Bio: A former couch potato who’s now training for a marathon, Suzanne McMillan, 35, is a classic soccer mom, with two sons, age 10 and 13, plus two stepdaughters, 10 and 14. When she’s not out running or shepherding kids around, she may be found at work, hauling mail as a contract delivery driver for five Coors Tech facilities in Golden. A graduate of Sheridan High School and former student at Metro State, she lives in west Littleton with the children and her husband, Luke, a mechanical engineer.
The Challenge: “I was always a big kid, probably 175 to 185 pounds in high school, but after I had kids I really packed it on,” she says. “I would eat two or three McDonald’s breakfast sandwiches almost daily, and almost everything I cooked was centered around ground beef: meatloaf, spaghetti, lasagna, tacos – lots of fatty, rich, fried foods. My specialty was fried chicken, with gravy made out of the pan drippings.” In 2001, with her weight topping out at 248, she sized up her situation and decided that if she wanted to live long enough to become a grandmother, she had to get healthy.
How She Did It: “I lost the first 30 pounds in 11 months, by moving off the couch and walking – about 3 miles a day,” she says. “Then I got a trainer, went to the gym and learned everything I could about exercise and nutrition, and lost another 70 pounds in nine months” – partly by working out, and partly by hewing so faithfully to a diet of 1,500 calories per day that she even refused a bite of cake on her birthday. She also gave up a pack-a-day cigarette habit.
As she slimmed down, McMillan dropped from a size 22 to size 10, her triglyceride level – once “through the roof” – fell to a healthy 58, and she started running, spurred on by her younger son, Derek. Teaching him to ride a bike, she offered him five bucks if he could go a mile around a lake near their house without stopping. But he responded, “I’ll give you five bucks if you can run around the lake.” So she did. “And a few weeks later,” she says, “I thought, if I can run 1 mile, I can run 3.”
Then she began entering races – 5 kilometers at first, then 10Ks, then a half-marathon. And now, at 5-feet-8 and 150 pounds, she’s gearing up for what “just seemed to be the next thing” – the 26.2-mile Denver Marathon on Oct. 15. “I’ve actually gained some weight in training,” she says. “You’re burning so much energy you’re hungry all the time. But I’m trying not to make the marathon weight-related. My goal is just the finish line.”

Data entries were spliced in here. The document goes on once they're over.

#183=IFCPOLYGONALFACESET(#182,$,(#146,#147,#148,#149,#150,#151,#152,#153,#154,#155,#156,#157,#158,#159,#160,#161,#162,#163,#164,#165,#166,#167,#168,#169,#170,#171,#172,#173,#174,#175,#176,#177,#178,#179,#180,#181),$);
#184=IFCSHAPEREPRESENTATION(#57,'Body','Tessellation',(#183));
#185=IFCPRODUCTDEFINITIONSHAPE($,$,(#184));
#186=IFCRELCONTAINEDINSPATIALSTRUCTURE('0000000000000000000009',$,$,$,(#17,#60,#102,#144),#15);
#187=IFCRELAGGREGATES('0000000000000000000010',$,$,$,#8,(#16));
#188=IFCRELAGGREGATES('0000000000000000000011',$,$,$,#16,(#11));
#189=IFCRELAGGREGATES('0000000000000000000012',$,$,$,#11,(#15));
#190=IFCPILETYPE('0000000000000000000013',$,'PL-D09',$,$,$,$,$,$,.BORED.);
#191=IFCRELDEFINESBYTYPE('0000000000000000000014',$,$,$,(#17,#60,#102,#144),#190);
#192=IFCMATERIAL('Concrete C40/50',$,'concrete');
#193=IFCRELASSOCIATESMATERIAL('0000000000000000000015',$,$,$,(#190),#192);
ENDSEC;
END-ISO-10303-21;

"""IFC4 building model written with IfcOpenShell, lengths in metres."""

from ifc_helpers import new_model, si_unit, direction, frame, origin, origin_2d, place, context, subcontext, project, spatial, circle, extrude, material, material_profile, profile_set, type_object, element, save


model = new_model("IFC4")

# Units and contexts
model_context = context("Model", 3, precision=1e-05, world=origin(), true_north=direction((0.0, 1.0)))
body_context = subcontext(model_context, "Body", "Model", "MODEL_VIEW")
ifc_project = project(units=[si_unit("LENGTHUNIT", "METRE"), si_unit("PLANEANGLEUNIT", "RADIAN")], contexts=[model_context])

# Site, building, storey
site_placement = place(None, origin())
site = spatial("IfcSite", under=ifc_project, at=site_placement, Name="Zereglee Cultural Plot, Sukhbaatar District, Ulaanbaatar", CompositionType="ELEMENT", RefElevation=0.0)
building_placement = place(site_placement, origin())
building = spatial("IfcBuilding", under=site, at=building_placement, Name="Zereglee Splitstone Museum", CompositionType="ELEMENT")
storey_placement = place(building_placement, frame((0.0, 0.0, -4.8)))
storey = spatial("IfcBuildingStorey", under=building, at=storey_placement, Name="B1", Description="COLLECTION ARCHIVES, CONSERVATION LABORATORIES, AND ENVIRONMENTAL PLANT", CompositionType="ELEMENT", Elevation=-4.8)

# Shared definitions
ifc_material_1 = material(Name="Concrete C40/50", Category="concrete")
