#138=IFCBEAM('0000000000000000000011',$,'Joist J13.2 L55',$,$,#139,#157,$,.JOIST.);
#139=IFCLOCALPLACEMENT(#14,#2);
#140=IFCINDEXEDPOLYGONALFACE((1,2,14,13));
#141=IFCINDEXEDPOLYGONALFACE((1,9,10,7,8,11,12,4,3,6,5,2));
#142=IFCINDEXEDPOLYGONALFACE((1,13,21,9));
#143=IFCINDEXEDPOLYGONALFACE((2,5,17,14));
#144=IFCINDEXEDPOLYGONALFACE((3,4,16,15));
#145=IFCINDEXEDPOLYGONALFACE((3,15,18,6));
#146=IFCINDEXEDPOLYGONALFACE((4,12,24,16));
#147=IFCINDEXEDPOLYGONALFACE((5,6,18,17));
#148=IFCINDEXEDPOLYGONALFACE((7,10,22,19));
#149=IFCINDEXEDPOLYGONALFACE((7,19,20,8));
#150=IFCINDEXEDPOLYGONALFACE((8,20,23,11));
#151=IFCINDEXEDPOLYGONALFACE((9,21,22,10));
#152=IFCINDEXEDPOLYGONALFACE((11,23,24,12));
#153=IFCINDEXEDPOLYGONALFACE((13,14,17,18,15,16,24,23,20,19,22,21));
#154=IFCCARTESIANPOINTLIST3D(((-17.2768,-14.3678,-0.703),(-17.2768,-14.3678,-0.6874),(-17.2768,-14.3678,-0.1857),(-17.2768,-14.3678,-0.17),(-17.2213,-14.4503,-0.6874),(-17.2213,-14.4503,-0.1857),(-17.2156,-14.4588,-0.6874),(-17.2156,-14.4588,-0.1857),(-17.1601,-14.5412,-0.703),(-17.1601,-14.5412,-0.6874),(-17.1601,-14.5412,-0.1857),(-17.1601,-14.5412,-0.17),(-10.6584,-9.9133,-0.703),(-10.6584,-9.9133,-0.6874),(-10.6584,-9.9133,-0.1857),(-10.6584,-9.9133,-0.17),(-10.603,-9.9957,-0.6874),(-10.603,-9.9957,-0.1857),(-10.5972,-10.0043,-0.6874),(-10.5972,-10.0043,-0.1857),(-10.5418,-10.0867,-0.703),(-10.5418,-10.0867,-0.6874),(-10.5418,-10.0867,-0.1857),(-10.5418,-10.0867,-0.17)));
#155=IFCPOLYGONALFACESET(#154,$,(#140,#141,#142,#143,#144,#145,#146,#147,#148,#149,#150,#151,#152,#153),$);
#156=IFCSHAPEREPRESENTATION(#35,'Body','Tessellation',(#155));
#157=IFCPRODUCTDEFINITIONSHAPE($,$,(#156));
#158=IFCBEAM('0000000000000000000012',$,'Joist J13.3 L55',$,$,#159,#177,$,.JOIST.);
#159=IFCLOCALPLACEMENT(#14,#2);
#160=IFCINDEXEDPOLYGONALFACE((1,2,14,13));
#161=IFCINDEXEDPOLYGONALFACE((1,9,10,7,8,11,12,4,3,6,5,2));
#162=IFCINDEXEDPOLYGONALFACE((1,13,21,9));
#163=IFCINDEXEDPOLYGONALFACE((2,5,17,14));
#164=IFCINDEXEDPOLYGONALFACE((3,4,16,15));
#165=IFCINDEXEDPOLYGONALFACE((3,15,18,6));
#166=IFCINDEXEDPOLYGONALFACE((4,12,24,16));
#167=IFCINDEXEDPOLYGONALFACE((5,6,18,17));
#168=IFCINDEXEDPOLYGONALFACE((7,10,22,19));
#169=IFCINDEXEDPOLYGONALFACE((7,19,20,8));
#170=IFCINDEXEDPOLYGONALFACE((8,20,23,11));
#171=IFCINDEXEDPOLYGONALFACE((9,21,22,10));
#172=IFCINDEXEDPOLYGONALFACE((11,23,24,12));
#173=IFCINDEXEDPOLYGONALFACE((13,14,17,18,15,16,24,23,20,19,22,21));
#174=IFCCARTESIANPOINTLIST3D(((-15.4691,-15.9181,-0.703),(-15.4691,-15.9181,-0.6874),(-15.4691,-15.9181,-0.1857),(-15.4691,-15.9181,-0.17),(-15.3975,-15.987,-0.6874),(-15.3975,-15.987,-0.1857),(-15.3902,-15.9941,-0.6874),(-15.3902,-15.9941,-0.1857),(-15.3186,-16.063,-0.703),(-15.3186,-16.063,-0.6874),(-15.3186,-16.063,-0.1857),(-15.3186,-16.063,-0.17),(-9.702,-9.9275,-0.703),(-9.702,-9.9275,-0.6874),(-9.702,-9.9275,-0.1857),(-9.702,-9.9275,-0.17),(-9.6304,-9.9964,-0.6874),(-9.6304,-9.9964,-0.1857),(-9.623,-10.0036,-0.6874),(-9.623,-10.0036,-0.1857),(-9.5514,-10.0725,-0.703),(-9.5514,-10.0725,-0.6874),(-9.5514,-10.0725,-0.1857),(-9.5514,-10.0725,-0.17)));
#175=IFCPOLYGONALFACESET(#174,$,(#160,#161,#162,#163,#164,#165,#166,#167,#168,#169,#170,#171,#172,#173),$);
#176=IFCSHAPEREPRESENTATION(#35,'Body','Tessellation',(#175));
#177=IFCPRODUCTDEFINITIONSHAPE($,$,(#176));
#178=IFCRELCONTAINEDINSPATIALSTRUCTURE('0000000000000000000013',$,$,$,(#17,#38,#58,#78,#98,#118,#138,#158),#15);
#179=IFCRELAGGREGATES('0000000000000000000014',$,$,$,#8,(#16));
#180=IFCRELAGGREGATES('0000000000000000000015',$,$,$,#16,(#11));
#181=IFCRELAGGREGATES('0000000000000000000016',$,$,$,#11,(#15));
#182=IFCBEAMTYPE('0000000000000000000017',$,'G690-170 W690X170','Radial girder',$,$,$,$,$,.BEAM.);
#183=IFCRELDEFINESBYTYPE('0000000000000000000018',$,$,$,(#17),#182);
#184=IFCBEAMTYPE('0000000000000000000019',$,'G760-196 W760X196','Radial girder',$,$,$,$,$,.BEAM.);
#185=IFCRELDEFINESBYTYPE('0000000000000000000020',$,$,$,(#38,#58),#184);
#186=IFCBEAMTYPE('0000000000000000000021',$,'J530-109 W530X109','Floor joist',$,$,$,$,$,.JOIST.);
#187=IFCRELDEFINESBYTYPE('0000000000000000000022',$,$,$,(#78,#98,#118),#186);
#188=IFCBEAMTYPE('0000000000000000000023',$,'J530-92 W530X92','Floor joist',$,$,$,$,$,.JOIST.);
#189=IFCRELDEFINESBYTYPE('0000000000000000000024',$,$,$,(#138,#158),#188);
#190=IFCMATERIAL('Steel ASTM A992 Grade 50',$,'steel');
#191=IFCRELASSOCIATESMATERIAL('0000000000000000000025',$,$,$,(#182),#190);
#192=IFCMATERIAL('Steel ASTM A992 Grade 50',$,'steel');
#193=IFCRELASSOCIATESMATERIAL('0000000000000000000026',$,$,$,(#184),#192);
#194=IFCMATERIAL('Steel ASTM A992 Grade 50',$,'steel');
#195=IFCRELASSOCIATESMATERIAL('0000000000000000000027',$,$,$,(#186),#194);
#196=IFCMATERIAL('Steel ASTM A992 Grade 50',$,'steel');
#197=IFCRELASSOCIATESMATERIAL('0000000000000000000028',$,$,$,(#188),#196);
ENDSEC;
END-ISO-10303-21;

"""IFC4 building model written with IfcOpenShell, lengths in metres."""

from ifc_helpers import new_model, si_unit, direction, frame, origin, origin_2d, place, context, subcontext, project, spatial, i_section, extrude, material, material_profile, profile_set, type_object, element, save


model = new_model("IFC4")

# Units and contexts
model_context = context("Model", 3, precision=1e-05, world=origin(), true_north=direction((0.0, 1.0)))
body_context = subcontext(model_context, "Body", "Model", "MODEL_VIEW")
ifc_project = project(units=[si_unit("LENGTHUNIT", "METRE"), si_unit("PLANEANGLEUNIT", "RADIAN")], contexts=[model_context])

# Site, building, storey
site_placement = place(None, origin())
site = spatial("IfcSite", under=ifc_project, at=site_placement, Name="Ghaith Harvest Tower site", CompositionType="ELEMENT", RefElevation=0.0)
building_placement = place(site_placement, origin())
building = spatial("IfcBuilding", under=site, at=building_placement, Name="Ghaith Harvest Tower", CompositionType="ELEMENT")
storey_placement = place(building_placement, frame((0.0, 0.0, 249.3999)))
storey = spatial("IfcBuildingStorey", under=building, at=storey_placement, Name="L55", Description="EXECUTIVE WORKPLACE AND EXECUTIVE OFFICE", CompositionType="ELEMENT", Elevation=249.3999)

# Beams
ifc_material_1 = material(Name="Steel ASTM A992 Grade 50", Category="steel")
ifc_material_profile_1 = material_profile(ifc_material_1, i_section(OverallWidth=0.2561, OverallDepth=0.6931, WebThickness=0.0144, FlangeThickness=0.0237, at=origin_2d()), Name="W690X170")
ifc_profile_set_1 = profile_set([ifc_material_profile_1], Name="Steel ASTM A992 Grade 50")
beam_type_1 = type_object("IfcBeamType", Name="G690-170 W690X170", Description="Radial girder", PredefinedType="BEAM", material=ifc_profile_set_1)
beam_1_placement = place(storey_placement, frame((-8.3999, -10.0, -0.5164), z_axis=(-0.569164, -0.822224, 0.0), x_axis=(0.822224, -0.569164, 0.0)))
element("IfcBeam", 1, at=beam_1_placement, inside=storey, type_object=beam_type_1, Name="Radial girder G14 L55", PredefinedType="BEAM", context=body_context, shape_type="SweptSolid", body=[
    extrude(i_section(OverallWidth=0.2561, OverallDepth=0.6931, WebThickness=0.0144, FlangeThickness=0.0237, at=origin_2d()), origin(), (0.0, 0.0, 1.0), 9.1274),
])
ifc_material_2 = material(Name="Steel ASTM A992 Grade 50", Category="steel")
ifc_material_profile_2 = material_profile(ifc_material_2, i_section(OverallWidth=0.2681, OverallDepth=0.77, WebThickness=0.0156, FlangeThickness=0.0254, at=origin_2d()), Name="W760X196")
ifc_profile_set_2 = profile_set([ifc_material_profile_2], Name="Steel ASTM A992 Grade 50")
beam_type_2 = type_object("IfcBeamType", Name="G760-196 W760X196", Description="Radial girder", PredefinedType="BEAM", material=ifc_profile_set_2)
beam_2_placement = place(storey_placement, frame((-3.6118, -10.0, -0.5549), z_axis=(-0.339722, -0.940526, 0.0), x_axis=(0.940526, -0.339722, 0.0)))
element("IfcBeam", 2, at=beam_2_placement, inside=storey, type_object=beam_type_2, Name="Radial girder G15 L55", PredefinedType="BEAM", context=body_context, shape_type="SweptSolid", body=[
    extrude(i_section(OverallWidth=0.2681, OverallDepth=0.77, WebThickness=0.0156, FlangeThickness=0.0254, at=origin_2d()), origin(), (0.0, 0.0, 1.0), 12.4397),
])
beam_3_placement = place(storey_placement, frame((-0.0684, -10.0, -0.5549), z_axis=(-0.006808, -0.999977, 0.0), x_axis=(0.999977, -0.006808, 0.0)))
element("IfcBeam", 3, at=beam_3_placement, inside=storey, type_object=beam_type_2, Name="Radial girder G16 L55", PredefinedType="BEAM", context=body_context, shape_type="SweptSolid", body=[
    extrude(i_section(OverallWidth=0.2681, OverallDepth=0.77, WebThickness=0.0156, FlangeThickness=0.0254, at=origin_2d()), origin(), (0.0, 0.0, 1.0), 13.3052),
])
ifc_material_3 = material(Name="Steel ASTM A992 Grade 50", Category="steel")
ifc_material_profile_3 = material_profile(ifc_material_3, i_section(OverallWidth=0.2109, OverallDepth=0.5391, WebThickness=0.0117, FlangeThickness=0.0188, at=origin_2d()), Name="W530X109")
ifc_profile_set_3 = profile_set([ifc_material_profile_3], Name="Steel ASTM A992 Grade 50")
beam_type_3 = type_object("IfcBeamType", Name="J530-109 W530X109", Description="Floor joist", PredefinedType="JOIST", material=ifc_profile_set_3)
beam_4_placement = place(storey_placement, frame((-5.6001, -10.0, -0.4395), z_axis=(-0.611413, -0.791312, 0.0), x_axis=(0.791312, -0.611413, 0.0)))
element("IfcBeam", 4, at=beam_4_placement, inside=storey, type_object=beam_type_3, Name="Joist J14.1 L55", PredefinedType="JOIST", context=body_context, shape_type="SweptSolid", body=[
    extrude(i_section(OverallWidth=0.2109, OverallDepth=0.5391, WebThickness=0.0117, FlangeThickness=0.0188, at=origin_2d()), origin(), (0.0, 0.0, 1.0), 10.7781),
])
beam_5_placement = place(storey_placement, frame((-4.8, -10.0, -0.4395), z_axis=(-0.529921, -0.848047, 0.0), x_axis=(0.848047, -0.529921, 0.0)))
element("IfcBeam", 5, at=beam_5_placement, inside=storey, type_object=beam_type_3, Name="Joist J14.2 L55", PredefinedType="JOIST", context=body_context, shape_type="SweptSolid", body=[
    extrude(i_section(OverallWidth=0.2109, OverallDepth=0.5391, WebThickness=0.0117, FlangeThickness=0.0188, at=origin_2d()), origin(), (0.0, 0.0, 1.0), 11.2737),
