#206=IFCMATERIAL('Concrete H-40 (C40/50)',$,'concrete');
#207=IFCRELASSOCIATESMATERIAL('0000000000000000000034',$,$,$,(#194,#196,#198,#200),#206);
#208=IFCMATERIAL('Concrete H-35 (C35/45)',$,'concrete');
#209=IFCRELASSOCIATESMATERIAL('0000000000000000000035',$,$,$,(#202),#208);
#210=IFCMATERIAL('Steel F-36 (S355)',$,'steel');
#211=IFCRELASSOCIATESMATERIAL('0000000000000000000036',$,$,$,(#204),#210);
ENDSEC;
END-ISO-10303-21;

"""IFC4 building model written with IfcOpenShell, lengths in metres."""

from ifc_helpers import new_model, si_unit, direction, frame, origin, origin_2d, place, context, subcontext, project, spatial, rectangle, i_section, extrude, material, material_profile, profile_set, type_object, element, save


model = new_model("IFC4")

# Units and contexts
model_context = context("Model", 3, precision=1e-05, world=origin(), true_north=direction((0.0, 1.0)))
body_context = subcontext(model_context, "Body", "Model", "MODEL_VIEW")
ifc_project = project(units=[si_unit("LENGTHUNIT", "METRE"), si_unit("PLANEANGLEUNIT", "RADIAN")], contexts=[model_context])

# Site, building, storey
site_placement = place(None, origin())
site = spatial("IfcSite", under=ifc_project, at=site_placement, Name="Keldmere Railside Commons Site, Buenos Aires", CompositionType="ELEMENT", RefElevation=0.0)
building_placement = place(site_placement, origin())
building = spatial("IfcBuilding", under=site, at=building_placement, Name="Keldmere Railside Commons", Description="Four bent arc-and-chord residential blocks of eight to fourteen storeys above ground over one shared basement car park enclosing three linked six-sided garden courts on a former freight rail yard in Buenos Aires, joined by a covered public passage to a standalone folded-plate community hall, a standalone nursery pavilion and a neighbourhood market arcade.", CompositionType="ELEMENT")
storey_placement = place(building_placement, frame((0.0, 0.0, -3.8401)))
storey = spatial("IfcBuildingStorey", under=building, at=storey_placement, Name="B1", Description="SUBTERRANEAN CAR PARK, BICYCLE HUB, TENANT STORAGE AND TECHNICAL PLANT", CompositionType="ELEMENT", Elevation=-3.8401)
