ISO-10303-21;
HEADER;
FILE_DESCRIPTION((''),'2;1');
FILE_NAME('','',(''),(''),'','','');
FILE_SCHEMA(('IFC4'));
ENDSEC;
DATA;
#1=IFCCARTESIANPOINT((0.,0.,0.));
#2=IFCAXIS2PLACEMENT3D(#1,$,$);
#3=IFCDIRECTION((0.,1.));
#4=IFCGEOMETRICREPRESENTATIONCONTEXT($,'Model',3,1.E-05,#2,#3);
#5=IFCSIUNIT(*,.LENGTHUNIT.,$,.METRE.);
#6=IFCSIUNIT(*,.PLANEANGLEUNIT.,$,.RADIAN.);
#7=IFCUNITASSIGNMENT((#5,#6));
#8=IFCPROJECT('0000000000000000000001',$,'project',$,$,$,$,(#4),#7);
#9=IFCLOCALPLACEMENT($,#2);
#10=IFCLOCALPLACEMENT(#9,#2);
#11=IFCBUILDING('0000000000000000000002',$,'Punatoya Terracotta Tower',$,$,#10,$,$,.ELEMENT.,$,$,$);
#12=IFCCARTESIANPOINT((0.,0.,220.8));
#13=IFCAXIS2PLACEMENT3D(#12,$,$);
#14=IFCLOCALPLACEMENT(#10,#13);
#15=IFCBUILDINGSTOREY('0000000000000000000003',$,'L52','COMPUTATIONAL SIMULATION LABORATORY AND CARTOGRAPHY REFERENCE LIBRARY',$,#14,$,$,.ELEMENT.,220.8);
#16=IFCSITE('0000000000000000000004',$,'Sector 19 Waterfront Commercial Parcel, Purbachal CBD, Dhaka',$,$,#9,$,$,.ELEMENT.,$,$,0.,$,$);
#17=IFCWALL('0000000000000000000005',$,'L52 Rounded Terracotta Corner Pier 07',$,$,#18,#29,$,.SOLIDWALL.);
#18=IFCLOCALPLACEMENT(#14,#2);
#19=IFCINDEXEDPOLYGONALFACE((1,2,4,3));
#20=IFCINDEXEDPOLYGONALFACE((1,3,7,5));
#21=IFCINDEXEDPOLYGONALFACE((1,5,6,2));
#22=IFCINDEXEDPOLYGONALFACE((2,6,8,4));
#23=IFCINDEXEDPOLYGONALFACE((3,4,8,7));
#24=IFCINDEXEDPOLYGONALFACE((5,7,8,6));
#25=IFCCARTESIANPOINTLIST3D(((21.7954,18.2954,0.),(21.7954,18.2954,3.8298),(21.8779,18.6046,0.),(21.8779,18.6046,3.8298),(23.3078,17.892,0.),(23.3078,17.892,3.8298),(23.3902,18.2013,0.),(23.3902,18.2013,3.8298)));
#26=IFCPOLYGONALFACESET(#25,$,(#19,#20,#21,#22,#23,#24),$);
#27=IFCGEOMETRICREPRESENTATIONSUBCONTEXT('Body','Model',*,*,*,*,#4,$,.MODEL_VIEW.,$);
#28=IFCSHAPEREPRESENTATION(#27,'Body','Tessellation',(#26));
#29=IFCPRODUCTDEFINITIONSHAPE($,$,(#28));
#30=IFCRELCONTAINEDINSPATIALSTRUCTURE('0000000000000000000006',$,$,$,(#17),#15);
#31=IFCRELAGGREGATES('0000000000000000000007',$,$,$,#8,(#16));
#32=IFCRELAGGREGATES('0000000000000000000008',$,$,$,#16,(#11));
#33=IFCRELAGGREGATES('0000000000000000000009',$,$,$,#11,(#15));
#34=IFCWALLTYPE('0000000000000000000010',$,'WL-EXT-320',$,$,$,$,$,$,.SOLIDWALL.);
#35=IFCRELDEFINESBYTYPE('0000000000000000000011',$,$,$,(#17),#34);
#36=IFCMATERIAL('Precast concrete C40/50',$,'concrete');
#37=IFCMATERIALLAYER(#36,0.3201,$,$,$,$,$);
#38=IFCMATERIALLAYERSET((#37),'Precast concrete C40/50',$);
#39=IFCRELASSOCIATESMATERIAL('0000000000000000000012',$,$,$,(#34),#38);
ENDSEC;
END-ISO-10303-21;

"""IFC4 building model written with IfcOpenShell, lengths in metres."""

from ifc_helpers import new_model, si_unit, direction, frame, frame_2d, origin, place, context, subcontext, project, spatial, rectangle, extrude, material, layer, layer_set, type_object, element, save


model = new_model("IFC4")

# Units and contexts
model_context = context("Model", 3, precision=1e-05, world=origin(), true_north=direction((0.0, 1.0)))
body_context = subcontext(model_context, "Body", "Model", "MODEL_VIEW")
ifc_project = project(units=[si_unit("LENGTHUNIT", "METRE"), si_unit("PLANEANGLEUNIT", "RADIAN")], contexts=[model_context])

# Site, building, storey
site_placement = place(None, origin())
site = spatial("IfcSite", under=ifc_project, at=site_placement, Name="Sector 19 Waterfront Commercial Parcel, Purbachal CBD, Dhaka", CompositionType="ELEMENT", RefElevation=0.0)
building_placement = place(site_placement, origin())
building = spatial("IfcBuilding", under=site, at=building_placement, Name="Punatoya Terracotta Tower", CompositionType="ELEMENT")
storey_placement = place(building_placement, frame((0.0, 0.0, 220.8)))
storey = spatial("IfcBuildingStorey", under=building, at=storey_placement, Name="L52", Description="COMPUTATIONAL SIMULATION LABORATORY AND CARTOGRAPHY REFERENCE LIBRARY", CompositionType="ELEMENT", Elevation=220.8)

# Wall
ifc_material_1 = material(Name="Precast concrete C40/50", Category="concrete")
ifc_layer_1 = layer(ifc_material_1, 0.3201)
ifc_layer_set_1 = layer_set([ifc_layer_1], Name="Precast concrete C40/50")
wall_type = type_object("IfcWallType", Name="WL-EXT-320", PredefinedType="SOLIDWALL", material=ifc_layer_set_1)
wall_1_placement = place(storey_placement, frame((23.3491, 18.0466, 0.0), z_axis=(0.0, 0.0, 1.0), x_axis=(-0.966225, 0.257701, 0.0)))
element("IfcWall", 1, at=wall_1_placement, inside=storey, type_object=wall_type, Name="L52 Rounded Terracotta Corner Pier 07", PredefinedType="SOLIDWALL", context=body_context, shape_type="SweptSolid", body=[
    extrude(rectangle(XDim=1.5652, YDim=0.3201, at=frame_2d((0.7827, 0.0))), origin(), (0.0, 0.0, 1.0), 3.8298),
])

save(model, "model.ifc")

Still Working On: “I sometimes have trouble getting out of the fat-woman mentality. For a long time, whenever I heard people laughing, I always thought it was me they were laughing at. I still look around and check,” McMillan says. “Now, it’s the opposite extreme. I feel like I’m going through what 14-year-old girls do when they first notice they’re attractive. It’s confusing.”
Beyond this, she says, “The food issues will always be there. As a heavy woman, I used food as a reward. Now I try to see it as sustenance. This has definitely changed the way I feed my family. You can’t find a can of soda in the house. My kids will whine, but they understand that it’s for their well- being, not as punishment.”
Best Advice: “Nothing tastes as good as thin feels.”